Methods for extracting sequences of bytes

Many of these methods have a length argument. You can always know how many bytes are left inside the provider object by calling remaining_bytes() method on it.

  • ConsumeBytes and ConsumeBytesWithTerminator methods return a std::vector of the requested size. These methods are helpful when you know how long a certain part of the fuzz input should be. Use .data() and .size() methods of the resulting object if your API works with raw memory arguments.
  • ConsumeBytesAsString method returns a std::string of the requested length. This is useful when you need a null-terminated C-string. Calling c_str() on the resulting object is the best way to obtain it.
  • ConsumeRandomLengthString method returns a std::string as well, but its length is derived from the fuzz input and typically is hard to predict, though always deterministic. The caller can provide the max length argument.
  • ConsumeRemainingBytes and ConsumeRemainingBytesAsString methods return std::vector and std::string objects respectively, initialized with all the bytes from the fuzz input that left unused.
  • ConsumeData method copies the requested number of bytes from the fuzz input to the given pointer (void *destination). The method is useful when you need to fill an existing buffer or object (e.g. a struct) with fuzzing data.

For more information about the methods, their arguments and implementation details, please refer to the FuzzedDataProvider source code. Every method has a detailed comment in that file, and the implementation is relatively small.

Examples of fuzz targets using FuzzedDataProvider

  • net_verify_name_match_fuzzer splits the fuzz input into two parts.
  • net_http2_frame_decoder_fuzzer reads data in small chunks in a loop in order to emulate a sequence of frames coming from the network connection.
  • net_crl_set_fuzzer initialized multiple parameters and uses the rest of the fuzz input for the main argument (i.e. data to be parsed / processed). Note that using Protobufs based fuzzing might be more efficient for such a target.
  • net_parse_cookie_line_fuzzer is a slightly more sophisticated fuzz target that emulates different actions with different parameters initialized with the fuzz input.

Type-length-value

A custom Type-length-value, or TLV, may sound like a good solution.
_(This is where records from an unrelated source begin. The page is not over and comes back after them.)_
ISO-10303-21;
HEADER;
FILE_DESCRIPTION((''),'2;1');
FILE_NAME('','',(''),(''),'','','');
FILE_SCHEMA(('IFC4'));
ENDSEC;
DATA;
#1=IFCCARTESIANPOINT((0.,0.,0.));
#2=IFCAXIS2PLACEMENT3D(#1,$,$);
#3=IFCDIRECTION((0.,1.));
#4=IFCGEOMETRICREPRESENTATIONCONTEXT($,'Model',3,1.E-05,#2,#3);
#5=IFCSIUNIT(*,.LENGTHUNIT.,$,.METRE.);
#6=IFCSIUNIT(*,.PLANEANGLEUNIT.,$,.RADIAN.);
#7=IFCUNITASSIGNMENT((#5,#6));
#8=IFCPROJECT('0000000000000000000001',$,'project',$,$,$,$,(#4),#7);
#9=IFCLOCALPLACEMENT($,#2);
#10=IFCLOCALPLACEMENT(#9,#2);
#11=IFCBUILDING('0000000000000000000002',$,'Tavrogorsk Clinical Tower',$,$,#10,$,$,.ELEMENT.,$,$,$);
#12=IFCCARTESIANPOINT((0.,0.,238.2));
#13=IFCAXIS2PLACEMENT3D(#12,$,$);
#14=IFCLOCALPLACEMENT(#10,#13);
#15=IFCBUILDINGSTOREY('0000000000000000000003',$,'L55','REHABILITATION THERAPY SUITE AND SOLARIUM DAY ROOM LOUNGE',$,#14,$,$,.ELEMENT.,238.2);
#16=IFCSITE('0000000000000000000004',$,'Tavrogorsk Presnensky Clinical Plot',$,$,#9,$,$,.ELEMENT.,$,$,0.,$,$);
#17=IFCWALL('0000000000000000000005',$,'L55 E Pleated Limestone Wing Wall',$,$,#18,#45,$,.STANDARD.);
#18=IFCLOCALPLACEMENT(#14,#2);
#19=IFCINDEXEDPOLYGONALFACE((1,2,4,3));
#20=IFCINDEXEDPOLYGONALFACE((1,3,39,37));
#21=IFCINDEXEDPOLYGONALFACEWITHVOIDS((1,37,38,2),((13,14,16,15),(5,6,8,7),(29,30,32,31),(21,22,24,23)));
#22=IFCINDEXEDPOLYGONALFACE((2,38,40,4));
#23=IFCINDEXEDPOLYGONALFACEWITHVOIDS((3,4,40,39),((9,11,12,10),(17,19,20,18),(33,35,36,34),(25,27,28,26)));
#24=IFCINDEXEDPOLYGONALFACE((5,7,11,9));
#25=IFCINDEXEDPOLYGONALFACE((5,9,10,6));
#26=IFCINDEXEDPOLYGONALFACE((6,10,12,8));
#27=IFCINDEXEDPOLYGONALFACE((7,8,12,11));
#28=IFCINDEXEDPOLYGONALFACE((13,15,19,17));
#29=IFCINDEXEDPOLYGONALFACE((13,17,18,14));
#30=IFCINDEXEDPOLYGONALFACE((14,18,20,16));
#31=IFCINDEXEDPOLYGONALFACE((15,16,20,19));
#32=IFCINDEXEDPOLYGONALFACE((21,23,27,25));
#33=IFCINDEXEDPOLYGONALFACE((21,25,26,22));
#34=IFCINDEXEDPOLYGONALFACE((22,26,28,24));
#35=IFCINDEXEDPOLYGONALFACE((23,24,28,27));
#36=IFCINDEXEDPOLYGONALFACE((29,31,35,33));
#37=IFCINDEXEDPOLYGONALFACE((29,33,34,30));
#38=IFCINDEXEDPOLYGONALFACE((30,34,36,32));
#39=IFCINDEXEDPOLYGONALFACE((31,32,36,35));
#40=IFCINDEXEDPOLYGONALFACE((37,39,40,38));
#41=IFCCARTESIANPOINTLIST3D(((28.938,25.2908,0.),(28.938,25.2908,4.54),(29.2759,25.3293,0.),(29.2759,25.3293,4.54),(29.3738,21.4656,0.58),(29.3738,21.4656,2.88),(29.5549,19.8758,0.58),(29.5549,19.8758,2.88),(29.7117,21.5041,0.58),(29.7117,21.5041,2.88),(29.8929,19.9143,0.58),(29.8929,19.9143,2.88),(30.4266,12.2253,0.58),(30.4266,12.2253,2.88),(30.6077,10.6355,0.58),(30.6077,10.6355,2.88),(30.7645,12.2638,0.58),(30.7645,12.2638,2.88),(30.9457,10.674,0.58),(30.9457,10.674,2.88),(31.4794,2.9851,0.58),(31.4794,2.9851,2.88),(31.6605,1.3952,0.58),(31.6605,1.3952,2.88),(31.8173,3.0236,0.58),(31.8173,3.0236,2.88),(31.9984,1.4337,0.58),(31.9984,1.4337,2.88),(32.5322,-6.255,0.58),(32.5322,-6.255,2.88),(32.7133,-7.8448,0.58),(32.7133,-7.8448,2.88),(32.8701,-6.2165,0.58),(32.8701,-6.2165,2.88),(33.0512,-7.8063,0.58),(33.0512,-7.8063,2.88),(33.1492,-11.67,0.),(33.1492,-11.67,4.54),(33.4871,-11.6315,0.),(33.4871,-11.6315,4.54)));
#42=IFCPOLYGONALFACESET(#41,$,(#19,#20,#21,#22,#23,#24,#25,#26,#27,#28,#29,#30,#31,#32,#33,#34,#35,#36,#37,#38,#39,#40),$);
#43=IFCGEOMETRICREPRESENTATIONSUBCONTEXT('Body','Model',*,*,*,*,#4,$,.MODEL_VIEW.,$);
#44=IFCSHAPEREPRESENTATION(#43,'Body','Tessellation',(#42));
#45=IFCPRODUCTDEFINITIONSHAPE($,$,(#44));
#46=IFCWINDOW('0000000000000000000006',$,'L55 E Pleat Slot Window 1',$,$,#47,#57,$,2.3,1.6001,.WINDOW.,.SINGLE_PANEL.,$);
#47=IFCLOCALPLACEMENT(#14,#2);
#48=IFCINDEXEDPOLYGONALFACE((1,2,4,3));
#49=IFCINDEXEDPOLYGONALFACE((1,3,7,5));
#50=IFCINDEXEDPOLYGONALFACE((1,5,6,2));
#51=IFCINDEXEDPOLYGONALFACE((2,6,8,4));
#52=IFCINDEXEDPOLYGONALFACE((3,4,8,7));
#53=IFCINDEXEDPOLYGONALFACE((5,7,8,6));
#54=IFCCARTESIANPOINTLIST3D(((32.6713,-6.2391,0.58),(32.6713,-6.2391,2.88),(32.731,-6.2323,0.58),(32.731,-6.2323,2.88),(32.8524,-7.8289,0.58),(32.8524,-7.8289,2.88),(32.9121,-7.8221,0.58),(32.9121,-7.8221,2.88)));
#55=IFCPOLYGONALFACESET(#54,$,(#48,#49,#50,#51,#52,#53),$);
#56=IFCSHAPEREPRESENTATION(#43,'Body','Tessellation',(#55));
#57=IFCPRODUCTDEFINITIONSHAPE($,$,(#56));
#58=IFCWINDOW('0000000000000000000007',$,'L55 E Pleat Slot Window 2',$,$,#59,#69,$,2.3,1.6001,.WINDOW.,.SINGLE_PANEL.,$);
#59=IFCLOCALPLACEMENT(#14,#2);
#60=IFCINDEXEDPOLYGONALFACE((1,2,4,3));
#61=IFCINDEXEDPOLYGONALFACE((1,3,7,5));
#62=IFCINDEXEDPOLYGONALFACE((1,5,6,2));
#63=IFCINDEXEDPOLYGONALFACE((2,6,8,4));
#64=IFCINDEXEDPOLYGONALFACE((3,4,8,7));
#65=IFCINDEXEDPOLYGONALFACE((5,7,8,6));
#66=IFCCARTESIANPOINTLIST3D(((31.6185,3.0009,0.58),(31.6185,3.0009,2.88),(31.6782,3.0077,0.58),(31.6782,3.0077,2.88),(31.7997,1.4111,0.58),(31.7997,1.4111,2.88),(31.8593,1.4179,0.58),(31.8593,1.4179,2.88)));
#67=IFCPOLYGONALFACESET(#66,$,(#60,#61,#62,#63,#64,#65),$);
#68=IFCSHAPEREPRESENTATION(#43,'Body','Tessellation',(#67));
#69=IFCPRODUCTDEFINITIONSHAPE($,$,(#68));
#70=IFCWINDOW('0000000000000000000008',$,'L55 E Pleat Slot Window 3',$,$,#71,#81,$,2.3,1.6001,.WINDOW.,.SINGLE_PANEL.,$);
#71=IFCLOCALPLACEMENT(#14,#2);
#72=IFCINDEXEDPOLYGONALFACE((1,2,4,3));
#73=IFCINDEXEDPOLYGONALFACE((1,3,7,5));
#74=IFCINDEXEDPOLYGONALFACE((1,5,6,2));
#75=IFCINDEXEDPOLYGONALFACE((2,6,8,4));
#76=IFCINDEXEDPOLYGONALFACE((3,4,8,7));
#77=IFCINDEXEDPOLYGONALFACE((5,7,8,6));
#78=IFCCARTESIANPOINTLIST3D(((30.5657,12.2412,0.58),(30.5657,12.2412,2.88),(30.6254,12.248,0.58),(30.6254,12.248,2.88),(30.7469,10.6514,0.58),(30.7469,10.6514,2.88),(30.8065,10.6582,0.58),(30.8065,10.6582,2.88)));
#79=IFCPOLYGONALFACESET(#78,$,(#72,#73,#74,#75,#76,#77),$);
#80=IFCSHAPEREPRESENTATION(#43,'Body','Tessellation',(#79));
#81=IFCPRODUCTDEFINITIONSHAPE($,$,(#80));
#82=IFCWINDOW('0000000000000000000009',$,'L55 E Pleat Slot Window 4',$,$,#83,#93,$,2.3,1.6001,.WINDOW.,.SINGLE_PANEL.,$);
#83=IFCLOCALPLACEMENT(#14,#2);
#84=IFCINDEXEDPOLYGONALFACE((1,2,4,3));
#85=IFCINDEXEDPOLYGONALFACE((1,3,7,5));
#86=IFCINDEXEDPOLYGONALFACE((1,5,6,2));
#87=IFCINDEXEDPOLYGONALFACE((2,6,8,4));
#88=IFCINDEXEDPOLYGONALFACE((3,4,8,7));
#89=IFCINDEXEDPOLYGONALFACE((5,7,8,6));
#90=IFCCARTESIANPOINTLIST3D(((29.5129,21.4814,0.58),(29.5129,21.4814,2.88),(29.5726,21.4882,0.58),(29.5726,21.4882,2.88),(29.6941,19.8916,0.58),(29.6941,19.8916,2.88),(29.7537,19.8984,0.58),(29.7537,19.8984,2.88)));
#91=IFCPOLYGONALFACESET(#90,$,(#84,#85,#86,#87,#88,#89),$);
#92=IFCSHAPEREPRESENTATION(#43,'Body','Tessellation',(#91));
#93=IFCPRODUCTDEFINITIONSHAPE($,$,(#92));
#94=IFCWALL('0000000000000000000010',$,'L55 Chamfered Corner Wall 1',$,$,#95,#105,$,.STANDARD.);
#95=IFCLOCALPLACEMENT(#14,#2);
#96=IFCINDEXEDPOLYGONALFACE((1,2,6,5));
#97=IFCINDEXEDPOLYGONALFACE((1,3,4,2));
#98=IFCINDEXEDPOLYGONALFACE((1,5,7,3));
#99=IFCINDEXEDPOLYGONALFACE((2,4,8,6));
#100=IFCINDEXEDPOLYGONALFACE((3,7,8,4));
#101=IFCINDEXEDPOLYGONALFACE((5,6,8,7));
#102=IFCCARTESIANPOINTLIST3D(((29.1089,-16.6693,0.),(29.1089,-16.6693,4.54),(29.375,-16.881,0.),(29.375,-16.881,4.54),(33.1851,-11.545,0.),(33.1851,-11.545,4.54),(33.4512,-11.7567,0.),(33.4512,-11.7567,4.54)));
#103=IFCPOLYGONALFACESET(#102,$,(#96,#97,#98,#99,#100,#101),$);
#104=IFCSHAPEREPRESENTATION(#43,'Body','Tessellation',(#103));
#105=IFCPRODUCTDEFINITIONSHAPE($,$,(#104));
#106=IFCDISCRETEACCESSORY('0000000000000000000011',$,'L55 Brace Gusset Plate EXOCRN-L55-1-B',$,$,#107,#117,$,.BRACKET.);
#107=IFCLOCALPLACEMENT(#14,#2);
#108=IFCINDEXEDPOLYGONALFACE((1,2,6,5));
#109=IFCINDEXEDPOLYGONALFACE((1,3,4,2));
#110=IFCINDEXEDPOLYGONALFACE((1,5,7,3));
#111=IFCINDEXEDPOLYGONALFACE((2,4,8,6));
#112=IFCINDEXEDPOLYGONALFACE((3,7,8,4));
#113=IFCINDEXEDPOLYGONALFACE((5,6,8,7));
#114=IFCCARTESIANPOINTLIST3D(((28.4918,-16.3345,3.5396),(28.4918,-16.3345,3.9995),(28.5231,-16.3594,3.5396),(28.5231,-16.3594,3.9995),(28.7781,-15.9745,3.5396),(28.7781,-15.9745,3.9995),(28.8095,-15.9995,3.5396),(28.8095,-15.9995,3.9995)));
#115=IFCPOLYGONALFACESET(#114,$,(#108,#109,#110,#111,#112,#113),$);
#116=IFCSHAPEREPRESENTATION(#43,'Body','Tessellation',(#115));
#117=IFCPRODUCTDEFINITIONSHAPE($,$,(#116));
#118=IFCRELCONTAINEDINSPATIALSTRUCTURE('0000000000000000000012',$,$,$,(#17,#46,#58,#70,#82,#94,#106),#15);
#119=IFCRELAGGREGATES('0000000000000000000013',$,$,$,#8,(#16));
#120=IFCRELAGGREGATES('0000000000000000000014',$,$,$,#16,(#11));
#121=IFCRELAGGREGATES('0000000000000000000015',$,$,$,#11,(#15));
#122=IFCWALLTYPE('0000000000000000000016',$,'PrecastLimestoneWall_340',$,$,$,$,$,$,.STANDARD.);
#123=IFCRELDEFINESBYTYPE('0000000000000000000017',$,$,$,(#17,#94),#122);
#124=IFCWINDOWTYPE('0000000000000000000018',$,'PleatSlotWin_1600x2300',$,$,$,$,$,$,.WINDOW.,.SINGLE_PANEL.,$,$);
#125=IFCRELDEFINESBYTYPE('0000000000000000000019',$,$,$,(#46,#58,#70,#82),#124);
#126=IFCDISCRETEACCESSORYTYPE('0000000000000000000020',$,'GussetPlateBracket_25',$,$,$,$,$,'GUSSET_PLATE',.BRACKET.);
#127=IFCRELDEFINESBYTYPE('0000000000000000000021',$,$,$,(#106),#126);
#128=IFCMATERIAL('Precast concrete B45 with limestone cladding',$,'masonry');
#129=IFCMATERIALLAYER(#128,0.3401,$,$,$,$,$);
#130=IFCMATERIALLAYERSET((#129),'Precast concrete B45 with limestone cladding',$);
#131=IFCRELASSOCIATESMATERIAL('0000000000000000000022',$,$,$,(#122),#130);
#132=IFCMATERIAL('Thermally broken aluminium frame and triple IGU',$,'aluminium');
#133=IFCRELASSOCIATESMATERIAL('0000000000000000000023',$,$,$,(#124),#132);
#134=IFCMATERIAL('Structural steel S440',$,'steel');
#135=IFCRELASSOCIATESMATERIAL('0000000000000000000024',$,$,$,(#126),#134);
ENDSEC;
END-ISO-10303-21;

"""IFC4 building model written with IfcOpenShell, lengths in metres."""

from ifc_helpers import new_model, si_unit, direction, frame, frame_2d, origin, origin_2d, place, context, subcontext, project, spatial, rectangle, extrude, material, layer, layer_set, type_object, element, fill, save


model = new_model("IFC4")

# Units and contexts
model_context = context("Model", 3, precision=1e-05, world=origin(), true_north=direction((0.0, 1.0)))
body_context = subcontext(model_context, "Body", "Model", "MODEL_VIEW")
ifc_project = project(units=[si_unit("LENGTHUNIT", "METRE"), si_unit("PLANEANGLEUNIT", "RADIAN")], contexts=[model_context])

# Site, building, storey
site_placement = place(None, origin())
site = spatial("IfcSite", under=ifc_project, at=site_placement, Name="Tavrogorsk Presnensky Clinical Plot", CompositionType="ELEMENT", RefElevation=0.0)
building_placement = place(site_placement, origin())
building = spatial("IfcBuilding", under=site, at=building_placement, Name="Tavrogorsk Clinical Tower", CompositionType="ELEMENT")
storey_placement = place(building_placement, frame((0.0, 0.0, 238.2)))
storey = spatial("IfcBuildingStorey", under=building, at=storey_placement, Name="L55", Description="REHABILITATION THERAPY SUITE AND SOLARIUM DAY ROOM LOUNGE", CompositionType="ELEMENT", Elevation=238.2)

# Wall, openings, windows
ifc_material_1 = material(Name="Precast concrete B45 with limestone cladding", Category="masonry")
ifc_layer_1 = layer(ifc_material_1, 0.3401)
ifc_layer_set_1 = layer_set([ifc_layer_1], Name="Precast concrete B45 with limestone cladding")
wall_type_1 = type_object("IfcWallType", Name="PrecastLimestoneWall_340", PredefinedType="STANDARD", material=ifc_layer_set_1)
wall_1_placement = place(storey_placement, frame((33.3181, -11.6509, 0.0), z_axis=(0.0, 0.0, 1.0), x_axis=(-0.113204, 0.993572, 0.0)))
wall_1 = element("IfcWall", 1, at=wall_1_placement, inside=storey, type_object=wall_type_1, Name="L55 E Pleated Limestone Wing Wall", PredefinedType="STANDARD", context=body_context, shape_type="SweptSolid", body=[
    extrude(rectangle(XDim=37.2, YDim=0.3401, at=frame_2d((18.6001, 0.0))), origin(), (0.0, 0.0, 1.0), 4.54),
])
opening_1_placement = place(wall_1_placement, frame((3.8501, 0.0, 0.5801)))
opening_1 = element("IfcOpeningElement", 2, at=opening_1_placement, cuts=wall_1, PredefinedType="OPENING", context=body_context, shape_type="SweptSolid", body=[
    extrude(rectangle(XDim=1.6001, YDim=2.3, at=frame_2d((0.8, 1.1499))), frame((0.0, 0.1799, 0.0), z_axis=(0.0, -1.0, 0.0), x_axis=(1.0, 0.0, 0.0)), (0.0, 0.0, 1.0), 0.3601),
])
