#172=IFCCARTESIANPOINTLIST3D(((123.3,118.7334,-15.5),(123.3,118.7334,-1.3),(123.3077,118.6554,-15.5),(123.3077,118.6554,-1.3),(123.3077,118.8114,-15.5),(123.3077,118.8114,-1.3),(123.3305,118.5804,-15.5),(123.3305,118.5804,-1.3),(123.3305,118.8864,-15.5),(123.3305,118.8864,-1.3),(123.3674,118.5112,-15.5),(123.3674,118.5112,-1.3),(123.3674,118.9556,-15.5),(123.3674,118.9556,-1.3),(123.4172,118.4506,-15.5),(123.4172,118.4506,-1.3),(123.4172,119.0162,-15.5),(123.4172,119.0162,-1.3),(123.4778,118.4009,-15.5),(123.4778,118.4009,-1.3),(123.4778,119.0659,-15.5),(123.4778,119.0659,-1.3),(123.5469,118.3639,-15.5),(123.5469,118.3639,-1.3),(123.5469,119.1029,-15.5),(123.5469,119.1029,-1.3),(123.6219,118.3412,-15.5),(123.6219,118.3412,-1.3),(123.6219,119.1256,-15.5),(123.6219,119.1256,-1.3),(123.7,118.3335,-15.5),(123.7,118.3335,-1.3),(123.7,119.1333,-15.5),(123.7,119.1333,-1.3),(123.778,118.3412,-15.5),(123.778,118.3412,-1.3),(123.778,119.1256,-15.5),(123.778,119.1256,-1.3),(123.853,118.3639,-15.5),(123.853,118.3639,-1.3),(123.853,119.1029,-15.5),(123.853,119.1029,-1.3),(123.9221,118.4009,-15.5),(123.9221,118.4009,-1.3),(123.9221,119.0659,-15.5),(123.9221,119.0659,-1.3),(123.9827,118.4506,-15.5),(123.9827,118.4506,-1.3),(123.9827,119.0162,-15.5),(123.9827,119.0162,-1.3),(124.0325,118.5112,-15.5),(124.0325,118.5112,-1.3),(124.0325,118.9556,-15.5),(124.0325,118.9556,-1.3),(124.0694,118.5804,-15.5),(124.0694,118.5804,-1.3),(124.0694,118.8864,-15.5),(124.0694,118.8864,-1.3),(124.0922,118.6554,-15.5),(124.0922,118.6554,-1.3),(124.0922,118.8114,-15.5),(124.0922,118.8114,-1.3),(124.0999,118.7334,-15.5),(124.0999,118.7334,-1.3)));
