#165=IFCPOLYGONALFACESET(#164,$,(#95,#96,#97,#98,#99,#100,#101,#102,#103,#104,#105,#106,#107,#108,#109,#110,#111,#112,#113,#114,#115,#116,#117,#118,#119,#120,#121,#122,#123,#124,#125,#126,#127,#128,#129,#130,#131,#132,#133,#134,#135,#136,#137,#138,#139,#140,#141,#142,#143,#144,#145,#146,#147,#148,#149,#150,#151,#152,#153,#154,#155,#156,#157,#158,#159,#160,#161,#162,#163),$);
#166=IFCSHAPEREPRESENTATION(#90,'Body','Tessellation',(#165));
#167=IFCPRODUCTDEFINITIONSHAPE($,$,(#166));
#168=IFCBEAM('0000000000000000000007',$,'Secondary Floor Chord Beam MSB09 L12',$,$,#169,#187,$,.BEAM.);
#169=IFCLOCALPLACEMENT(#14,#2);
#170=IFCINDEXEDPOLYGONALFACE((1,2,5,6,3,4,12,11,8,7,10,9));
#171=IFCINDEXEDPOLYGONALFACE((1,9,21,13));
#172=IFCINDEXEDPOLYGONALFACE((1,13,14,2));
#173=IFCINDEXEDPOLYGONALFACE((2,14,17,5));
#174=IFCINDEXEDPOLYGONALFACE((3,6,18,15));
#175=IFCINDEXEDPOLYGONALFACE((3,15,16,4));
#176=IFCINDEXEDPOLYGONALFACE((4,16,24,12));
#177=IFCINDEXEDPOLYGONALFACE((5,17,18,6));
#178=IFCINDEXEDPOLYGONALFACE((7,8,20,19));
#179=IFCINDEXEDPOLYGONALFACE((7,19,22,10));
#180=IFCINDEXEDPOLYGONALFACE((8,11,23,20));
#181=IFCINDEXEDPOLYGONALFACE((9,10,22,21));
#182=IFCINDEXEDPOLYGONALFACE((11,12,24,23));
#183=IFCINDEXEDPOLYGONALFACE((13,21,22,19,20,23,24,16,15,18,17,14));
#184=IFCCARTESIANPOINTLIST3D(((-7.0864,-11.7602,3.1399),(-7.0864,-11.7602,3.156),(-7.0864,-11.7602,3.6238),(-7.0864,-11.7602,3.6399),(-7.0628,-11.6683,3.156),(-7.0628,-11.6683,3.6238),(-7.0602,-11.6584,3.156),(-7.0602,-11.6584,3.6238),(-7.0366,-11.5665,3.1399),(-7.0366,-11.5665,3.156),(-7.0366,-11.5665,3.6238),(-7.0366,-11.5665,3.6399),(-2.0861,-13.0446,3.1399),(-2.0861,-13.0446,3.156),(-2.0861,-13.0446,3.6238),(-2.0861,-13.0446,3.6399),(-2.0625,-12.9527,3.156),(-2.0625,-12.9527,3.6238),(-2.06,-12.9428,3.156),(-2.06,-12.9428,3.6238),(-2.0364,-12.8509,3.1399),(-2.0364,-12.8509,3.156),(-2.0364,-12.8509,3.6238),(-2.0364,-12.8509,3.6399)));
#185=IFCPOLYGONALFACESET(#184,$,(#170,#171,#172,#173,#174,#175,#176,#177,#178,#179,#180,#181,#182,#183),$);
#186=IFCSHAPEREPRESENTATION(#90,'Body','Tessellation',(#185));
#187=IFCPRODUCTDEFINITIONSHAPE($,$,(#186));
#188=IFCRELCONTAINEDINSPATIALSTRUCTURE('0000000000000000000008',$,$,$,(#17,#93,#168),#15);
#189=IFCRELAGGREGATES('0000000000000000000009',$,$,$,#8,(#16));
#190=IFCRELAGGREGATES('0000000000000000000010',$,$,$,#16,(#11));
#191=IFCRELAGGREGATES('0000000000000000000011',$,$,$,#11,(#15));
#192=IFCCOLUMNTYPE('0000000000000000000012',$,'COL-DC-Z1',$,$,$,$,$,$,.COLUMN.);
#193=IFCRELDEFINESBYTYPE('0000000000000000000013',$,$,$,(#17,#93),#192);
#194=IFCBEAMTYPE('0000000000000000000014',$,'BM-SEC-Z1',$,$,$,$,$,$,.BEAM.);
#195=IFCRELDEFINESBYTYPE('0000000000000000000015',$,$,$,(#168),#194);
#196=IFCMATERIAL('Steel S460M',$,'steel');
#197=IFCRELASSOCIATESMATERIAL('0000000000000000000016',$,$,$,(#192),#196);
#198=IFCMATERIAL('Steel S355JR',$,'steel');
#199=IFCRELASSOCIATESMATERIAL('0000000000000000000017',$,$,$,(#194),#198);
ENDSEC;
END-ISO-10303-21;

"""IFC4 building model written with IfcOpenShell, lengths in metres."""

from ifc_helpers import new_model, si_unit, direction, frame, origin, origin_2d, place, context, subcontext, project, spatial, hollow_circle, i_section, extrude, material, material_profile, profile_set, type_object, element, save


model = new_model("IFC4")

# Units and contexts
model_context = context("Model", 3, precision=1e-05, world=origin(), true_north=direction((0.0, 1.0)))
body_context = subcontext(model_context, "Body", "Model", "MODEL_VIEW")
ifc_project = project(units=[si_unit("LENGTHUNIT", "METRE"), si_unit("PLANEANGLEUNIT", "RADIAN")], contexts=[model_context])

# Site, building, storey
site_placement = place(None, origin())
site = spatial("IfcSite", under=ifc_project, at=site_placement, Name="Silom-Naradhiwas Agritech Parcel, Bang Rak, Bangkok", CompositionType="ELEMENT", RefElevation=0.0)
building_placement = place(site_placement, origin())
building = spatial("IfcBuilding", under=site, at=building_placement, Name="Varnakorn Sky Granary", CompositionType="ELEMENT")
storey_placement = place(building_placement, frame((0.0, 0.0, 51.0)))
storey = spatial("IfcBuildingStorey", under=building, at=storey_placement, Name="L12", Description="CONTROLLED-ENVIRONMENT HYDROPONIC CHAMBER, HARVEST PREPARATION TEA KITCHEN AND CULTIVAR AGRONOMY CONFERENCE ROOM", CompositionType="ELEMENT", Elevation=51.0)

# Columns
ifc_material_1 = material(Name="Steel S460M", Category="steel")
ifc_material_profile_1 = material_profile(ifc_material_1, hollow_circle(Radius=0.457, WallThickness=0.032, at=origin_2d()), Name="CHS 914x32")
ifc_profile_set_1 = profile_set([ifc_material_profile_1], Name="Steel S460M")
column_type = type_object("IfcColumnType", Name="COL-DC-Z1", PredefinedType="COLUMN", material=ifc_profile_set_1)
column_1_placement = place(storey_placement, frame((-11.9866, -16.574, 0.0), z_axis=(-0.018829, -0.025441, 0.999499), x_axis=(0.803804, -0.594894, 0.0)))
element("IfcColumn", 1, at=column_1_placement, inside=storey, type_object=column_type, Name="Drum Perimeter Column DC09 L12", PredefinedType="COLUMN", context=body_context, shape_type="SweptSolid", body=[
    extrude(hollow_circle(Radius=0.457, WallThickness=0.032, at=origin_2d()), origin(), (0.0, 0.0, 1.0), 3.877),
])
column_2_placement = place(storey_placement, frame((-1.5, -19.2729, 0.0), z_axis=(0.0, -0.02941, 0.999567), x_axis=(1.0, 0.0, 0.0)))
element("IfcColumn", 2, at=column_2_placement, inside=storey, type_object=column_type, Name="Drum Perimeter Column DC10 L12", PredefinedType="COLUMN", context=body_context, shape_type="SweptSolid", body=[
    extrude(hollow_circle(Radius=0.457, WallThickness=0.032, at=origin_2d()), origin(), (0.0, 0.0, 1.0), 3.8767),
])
However, we typically do not recommend using a custom TLV to split your fuzzer-generated input for the following reasons:

  • This is more test-only code for you to maintain, and easy to get wrong
  • Typical mutations performed by fuzzing engines, such as inserting a byte, will break the TLV structure too often, making fuzzing less efficient

However, a TLV input combined with a custom mutator might be a good option. See Structure-Aware Fuzzing.

Protobufs

Yet another option is to use one of the general-purpose serialization formats, such as Protobufs, in combination with a custom mutator. See Structure-Aware Fuzzing.